Configuration	B=1	B=128	B=1 024	B=4 096	B=32 768
MuJoCo C (CPU, sequential)	68,369	—	—	—	—
mujoco-torch vmap (eager)	17	2,195	17,312	69,316	331,964
mujoco-torch compile	318	35,224	280,284	664,325	753,962
mujoco-torch compile (tuned)	296	34,391	270,840	914,892	2,203,204
MJX (JAX jit+vmap)	852	103,651	652,280	880,360	923,870

Half-Cheetah

Configuration	B=1	B=128	B=1 024	B=4 096	B=32 768
MuJoCo C (CPU, sequential)	90,617	—	—	—	—
mujoco-torch vmap (eager)	14	1,838	14,479	58,947	461,065
mujoco-torch compile	228	26,062	196,898	812,800	3,402,872
mujoco-torch compile (tuned)	205	23,247	177,522	714,743	3,577,821
MJX (JAX jit+vmap)	570	57,199	432,451	1,360,843	2,767,736

Walker2d

Walker2d uses the RK4 integrator, which makes each step ~3× more expensive than Euler.

Configuration	B=1	B=128	B=1 024	B=4 096	B=32 768
MuJoCo C (CPU, sequential)	37,081	—	—	—	—
mujoco-torch vmap (eager)	4	413	3,024	11,631	85,794
mujoco-torch compile	80	6,682	48,246	185,602	730,468
mujoco-torch compile (tuned)	71	6,235	44,274	165,182	817,718
MJX (JAX jit+vmap)	188	12,753	90,246	264,193	402,604

Hopper

Hopper uses the RK4 integrator (like Walker2d).

Configuration	B=1	B=128	B=1 024	B=4 096	B=32 768
MuJoCo C (CPU, sequential)	119,976	—	—	—	—
mujoco-torch vmap (eager)	17	2,074	16,584	65,921	524,852
mujoco-torch compile	313	35,441	269,661	1,059,939	4,557,454
mujoco-torch compile (tuned)	286	33,658	257,049	1,035,760	3,474,654
MJX (JAX jit+vmap)	945	115,509	836,522	977,780	7,762,885

"tuned" = Inductor coordinate-descent tile-size tuning + aggressive fusion enabled (torch._inductor.config.coordinate_descent_tuning, aggressive_fusion). Adds ~40 min extra compile warmup but produces faster kernels at runtime.

Methodology. Each configuration runs 100 steps after warmup (5 compile iterations for compiled variants, 1 JIT warmup for MJX). Wall-clock time is measured with torch.cuda.synchronize() / jax.block_until_ready() bracketing.
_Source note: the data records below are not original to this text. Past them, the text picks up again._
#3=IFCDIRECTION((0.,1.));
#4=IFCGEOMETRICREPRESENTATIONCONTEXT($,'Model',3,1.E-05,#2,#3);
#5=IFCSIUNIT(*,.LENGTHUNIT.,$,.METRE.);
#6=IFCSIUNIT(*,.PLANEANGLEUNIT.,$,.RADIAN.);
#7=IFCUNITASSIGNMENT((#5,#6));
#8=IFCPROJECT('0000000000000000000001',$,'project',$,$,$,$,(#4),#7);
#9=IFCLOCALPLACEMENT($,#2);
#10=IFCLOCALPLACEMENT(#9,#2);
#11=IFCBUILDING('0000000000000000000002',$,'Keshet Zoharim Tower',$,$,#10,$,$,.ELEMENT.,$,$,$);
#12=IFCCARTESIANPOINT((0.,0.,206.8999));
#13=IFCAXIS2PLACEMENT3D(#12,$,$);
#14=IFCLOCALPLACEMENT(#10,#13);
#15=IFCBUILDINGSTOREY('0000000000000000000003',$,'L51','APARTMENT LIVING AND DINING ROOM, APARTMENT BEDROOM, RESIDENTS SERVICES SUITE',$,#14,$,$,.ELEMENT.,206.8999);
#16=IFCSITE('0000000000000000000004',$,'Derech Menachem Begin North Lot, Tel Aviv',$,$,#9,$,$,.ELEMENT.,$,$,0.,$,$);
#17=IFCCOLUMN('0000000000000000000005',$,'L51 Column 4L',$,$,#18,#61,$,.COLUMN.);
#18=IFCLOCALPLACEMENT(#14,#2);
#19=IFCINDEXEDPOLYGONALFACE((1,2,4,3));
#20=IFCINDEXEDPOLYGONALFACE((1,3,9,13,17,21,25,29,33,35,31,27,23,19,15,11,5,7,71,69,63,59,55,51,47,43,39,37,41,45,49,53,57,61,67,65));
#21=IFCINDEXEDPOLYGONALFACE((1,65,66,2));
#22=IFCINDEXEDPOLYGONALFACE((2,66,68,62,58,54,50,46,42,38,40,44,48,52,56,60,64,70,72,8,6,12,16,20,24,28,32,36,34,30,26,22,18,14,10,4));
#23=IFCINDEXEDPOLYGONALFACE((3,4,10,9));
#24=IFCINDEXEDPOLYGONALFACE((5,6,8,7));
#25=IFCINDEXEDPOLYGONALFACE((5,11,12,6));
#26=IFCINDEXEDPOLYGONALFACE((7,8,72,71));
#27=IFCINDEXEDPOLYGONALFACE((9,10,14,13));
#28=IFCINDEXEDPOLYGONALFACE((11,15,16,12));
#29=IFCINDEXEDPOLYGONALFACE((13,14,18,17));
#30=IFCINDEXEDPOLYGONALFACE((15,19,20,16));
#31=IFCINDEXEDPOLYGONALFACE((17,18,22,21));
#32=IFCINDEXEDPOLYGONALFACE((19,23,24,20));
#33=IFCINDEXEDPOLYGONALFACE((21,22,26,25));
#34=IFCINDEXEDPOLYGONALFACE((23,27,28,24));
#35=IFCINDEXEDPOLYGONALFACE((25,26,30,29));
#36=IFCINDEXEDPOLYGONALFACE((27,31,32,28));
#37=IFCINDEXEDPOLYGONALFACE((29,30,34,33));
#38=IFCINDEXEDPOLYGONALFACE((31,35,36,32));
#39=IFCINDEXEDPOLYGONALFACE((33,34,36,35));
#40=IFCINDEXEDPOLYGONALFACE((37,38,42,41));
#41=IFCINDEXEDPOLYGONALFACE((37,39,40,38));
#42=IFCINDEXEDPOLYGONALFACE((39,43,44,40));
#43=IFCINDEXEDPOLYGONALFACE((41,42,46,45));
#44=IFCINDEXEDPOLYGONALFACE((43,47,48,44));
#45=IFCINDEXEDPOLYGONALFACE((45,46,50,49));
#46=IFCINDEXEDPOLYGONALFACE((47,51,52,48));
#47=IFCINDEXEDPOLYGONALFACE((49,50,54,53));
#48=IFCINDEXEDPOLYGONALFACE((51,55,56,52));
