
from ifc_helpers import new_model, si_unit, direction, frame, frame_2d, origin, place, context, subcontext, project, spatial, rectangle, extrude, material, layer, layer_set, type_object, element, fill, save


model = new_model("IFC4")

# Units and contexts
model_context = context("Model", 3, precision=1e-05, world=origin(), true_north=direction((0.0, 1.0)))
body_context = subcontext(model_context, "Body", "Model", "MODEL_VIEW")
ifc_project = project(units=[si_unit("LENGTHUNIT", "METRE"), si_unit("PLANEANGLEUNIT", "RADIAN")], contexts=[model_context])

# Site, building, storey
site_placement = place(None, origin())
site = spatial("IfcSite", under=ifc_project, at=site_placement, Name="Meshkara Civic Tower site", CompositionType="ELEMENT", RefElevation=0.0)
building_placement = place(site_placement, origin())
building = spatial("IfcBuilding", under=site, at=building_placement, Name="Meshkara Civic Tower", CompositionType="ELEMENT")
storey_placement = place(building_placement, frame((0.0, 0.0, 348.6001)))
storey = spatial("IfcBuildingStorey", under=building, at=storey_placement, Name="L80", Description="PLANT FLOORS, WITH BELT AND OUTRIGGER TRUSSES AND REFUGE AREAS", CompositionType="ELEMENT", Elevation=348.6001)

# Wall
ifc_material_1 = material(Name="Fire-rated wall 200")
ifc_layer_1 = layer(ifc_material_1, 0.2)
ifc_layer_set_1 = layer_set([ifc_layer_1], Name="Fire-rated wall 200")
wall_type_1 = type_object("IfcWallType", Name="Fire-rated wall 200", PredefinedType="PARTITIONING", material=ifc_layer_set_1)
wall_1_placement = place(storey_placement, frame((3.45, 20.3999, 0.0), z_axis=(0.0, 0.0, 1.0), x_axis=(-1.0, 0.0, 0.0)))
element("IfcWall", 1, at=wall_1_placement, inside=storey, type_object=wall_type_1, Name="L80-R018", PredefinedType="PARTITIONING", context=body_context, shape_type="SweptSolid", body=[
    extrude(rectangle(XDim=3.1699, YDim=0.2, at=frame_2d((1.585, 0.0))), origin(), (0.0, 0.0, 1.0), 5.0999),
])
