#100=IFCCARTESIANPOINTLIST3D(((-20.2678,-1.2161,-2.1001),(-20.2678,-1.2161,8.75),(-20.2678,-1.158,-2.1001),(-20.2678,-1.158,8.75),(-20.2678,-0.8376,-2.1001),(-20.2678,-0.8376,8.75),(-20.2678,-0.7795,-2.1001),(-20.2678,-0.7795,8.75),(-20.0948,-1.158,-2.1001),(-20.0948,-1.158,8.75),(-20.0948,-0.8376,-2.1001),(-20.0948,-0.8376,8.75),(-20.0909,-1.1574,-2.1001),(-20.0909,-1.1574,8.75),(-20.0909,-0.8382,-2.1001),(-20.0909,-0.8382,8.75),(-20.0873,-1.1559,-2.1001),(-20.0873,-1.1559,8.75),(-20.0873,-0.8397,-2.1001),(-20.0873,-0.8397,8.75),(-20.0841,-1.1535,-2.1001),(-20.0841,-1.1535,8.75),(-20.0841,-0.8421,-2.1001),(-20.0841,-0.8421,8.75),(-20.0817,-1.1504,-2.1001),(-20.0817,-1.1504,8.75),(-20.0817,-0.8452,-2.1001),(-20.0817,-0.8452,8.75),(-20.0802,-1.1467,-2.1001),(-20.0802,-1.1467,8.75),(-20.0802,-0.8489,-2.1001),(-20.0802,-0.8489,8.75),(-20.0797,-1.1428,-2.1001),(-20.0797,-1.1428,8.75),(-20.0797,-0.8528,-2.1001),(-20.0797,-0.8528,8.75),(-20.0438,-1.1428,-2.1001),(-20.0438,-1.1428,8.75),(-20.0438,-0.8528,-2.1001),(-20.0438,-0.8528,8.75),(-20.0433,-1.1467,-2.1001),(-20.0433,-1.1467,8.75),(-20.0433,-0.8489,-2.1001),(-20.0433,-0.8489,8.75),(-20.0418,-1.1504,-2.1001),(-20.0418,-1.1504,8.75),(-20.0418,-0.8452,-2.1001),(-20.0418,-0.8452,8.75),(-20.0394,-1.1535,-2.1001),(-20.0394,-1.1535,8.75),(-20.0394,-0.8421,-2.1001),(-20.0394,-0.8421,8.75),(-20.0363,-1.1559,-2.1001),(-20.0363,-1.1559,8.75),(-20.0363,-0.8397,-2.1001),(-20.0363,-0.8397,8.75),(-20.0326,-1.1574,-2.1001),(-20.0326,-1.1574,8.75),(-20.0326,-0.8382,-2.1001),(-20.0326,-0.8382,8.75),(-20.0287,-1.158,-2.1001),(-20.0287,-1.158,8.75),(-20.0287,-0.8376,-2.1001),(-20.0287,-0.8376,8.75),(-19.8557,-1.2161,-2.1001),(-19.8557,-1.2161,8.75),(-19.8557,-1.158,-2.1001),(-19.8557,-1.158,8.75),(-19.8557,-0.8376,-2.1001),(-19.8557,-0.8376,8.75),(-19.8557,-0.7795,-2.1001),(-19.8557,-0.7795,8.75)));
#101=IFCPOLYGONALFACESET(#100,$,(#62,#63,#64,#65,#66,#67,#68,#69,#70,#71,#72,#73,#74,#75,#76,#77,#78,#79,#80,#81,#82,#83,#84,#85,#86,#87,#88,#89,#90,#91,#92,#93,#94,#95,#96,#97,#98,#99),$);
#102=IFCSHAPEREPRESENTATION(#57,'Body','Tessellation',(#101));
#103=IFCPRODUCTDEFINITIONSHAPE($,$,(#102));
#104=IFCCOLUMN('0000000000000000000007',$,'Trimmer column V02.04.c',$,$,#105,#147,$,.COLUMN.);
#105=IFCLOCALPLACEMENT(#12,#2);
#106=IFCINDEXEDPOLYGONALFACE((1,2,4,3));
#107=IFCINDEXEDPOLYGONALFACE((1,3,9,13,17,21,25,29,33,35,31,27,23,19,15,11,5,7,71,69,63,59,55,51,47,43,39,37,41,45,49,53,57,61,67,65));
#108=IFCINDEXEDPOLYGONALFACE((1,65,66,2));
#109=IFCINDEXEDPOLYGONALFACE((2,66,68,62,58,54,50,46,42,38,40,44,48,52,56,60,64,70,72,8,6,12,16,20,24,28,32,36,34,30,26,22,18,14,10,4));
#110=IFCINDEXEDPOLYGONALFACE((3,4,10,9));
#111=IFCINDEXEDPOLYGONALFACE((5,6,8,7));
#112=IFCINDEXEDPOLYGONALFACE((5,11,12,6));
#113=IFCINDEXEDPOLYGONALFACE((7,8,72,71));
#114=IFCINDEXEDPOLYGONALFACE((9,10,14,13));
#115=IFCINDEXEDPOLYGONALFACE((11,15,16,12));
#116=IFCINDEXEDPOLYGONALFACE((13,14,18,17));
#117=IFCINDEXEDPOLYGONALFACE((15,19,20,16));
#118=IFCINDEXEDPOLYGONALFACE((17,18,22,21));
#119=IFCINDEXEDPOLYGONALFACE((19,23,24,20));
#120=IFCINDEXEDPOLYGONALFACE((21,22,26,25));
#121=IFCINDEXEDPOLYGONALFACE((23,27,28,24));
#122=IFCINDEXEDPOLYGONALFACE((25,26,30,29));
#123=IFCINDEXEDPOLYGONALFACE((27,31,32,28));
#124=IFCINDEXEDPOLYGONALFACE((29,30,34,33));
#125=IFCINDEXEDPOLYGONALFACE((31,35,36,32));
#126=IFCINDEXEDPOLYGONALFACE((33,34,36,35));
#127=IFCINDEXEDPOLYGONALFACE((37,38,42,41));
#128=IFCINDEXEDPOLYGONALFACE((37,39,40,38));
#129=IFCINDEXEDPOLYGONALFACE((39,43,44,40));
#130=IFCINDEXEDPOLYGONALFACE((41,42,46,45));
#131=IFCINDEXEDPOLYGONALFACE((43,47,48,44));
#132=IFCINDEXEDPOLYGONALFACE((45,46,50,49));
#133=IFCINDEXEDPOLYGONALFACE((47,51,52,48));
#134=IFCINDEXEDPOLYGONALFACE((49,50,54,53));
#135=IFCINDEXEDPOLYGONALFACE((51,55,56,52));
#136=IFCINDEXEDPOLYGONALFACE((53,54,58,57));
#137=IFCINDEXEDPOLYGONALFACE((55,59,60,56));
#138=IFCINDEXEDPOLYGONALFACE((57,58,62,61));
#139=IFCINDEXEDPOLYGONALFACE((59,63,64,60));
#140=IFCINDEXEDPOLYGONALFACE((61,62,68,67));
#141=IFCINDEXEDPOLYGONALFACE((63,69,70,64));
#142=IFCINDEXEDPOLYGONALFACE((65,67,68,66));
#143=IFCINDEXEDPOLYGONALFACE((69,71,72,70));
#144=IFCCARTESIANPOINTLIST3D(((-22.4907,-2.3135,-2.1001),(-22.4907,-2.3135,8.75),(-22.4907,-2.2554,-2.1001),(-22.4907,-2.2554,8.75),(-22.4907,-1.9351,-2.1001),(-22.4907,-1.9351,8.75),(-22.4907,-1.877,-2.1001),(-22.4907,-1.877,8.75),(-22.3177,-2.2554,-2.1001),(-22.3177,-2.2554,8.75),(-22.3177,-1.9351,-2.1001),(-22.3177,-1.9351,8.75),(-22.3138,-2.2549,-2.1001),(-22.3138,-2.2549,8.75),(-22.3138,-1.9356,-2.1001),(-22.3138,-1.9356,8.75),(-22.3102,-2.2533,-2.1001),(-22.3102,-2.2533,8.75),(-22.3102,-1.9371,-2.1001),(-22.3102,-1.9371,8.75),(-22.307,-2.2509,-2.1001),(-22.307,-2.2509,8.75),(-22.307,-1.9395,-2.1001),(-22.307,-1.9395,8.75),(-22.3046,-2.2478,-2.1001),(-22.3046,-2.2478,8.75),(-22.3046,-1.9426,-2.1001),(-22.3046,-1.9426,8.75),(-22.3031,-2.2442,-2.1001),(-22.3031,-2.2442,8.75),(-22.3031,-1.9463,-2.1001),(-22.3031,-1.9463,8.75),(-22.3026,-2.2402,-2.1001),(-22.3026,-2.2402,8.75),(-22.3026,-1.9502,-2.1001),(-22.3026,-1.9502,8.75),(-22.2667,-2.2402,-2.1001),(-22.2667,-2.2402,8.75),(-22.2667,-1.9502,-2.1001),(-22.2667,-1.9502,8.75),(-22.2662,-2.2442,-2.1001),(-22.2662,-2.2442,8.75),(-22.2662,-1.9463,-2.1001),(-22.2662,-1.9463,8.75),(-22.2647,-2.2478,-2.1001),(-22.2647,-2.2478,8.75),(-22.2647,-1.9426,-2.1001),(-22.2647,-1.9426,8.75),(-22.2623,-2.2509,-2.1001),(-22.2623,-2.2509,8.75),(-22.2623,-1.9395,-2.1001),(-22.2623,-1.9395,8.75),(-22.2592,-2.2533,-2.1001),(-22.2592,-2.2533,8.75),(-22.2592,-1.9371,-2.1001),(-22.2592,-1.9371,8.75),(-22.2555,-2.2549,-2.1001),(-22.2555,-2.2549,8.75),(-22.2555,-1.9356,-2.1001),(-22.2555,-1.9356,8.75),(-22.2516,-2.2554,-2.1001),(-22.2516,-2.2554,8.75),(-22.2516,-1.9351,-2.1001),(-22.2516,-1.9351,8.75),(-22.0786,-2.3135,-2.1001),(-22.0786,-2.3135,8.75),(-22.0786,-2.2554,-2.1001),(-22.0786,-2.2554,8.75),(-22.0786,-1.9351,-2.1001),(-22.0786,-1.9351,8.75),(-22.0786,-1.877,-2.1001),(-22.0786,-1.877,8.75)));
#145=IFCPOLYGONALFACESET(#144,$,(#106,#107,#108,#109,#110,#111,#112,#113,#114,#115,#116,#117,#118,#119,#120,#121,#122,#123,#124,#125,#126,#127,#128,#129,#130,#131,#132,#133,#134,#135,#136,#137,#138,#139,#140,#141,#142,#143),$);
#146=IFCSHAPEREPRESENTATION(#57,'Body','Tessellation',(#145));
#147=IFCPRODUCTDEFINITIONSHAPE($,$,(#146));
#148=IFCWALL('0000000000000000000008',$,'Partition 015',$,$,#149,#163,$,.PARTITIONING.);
Steps/s = batch_size × nsteps / elapsed_time. Single GPU (CUDA_VISIBLE_DEVICES=0), dtype=float64.

To reproduce, run the pytest-benchmark suite (requires the PyTorch fork above):

CUDA_VISIBLE_DEVICES=0 python -m pytest benchmarks/ -v \
    --benchmark-json=bench_results.json
python benchmarks/plot_bench.py bench_results.json -o assets/benchmark.png

Testing

# Run all tests (requires JAX + MJX for correctness tests)
pip install "jax[cpu]" "mujoco[mjx]"
pytest test/ -x -v

License

Apache 2.0 -- see LICENSE.

Acknowledgments

mujoco-torch is a derivative work of MuJoCo MJX, originally developed by Google DeepMind. See the NOTICE file for attribution details.